U. S. dialysis providers are completing their final analyses this week as the November 1st deadline to fully opt in to the new Medicare bundling reimbursement methodology approaches. Pursuant to the new bundling rule released on July 23, 2010, providers who do not contact their Medicare fiscal intermediaries by that date to affirmatively elect to fully opt in to the bundling methodology as of January 1, 2011 will be automatically subject to the four year phase-in methodology beginning January 1, 2011.
In prior posts, I have described in more detail the conversion to the new bundling methodology, pursuant to which CMS will make a single bundled payment to the dialysis facility for each dialysis treatment that will cover all renal dialysis services and home dialysis commencing on January 1, 2011. It replaces the current system which pays facilities a composite rate for a defined set of items and services, while paying separately for drugs, laboratory tests, or other services that are not included in the composite rate.
Dialysis providers are utilizing a number of tools to determine whether to fully opt in or instead wait out the phase-in approach.
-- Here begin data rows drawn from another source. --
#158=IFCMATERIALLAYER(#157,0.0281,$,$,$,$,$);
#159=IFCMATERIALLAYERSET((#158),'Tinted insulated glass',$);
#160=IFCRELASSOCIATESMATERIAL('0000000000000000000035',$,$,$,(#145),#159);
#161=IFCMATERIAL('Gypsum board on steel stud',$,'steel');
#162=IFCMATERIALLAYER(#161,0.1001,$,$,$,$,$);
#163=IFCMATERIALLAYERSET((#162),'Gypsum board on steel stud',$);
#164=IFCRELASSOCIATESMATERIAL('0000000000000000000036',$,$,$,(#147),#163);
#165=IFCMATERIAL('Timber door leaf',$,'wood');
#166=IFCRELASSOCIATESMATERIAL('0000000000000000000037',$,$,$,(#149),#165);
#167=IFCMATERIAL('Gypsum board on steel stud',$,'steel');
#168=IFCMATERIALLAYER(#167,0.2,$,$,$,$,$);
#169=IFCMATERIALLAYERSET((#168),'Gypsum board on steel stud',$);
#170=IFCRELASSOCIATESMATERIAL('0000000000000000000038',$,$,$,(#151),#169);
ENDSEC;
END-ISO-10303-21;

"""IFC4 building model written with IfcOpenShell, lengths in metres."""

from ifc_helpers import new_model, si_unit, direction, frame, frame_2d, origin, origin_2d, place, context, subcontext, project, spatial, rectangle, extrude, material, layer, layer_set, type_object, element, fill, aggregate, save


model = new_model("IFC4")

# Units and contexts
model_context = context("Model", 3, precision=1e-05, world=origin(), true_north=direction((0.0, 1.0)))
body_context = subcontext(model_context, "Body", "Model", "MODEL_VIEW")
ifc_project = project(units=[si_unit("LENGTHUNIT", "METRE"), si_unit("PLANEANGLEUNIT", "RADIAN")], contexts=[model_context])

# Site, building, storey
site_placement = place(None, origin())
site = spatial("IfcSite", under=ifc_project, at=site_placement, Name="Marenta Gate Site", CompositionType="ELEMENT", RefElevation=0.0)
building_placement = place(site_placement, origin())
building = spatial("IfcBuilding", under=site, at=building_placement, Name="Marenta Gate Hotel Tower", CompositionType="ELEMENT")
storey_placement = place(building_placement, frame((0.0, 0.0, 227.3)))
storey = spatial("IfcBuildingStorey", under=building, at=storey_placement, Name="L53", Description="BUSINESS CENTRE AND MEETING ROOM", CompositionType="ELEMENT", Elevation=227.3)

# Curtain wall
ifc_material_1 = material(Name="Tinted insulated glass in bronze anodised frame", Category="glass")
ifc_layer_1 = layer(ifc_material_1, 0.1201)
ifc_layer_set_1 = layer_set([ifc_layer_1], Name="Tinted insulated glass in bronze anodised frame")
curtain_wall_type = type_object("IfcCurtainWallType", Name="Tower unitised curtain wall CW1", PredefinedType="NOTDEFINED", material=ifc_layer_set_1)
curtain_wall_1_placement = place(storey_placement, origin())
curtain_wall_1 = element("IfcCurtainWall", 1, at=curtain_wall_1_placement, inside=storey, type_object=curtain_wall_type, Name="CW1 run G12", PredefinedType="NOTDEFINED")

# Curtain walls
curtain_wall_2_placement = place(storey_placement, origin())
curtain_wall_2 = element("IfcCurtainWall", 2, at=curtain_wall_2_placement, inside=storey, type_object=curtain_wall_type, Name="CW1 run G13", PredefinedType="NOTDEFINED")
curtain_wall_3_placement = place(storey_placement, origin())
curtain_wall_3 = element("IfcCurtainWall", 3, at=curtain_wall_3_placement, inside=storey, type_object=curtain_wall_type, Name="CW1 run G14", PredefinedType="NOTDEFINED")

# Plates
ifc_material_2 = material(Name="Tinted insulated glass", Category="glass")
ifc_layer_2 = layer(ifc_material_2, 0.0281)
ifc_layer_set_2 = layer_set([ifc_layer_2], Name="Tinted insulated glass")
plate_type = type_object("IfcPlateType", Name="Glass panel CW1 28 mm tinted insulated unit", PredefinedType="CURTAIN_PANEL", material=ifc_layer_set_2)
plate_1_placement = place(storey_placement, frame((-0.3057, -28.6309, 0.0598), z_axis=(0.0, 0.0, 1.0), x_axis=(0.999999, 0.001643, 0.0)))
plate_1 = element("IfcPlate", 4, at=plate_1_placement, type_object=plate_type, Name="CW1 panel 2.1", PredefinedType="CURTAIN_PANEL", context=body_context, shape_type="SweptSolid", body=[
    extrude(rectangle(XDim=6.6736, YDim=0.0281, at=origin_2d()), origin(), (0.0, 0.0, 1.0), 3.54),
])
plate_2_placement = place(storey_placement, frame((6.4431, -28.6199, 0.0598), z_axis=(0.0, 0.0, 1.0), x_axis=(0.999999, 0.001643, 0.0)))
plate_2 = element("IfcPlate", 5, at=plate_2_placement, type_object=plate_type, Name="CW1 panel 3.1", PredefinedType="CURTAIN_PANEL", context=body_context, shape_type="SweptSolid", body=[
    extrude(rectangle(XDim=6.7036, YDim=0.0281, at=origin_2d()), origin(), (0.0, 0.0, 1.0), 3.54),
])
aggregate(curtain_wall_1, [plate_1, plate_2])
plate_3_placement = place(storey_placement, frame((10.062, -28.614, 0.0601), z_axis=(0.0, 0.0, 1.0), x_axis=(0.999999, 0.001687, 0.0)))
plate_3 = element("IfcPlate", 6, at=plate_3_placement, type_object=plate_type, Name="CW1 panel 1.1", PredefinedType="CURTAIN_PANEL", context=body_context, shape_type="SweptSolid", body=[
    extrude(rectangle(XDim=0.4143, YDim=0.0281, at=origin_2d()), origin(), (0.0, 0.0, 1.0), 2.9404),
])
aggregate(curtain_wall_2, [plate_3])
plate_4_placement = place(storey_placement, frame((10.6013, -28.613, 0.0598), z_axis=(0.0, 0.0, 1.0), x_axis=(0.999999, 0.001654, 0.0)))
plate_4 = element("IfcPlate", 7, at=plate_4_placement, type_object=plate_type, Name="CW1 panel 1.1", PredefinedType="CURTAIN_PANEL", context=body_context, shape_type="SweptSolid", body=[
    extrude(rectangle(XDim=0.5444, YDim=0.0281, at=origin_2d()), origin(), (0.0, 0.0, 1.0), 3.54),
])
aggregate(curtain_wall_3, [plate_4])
These tools examine individual providers’ geography, patient mix (in terms of dialysis modality and other factors), program size, typical drug dosage statistics and other key aspects of the providers’ programs that will help providers determine the impact that bundling will have on their reimbursement. Providers that anticipate a positive impact from bundling will likely elect to fully opt in now. One such tool was developed by Jeff Lehman of Dialysis Consulting Group, Inc. and includes a six step process focusing on six separate identifying characteristics of the individual provider.
Regardless of a provider’s decision as to fully opting in or phasing in to bundling, there will surely be a renewed industry-wide focus on keeping costs low and quality high.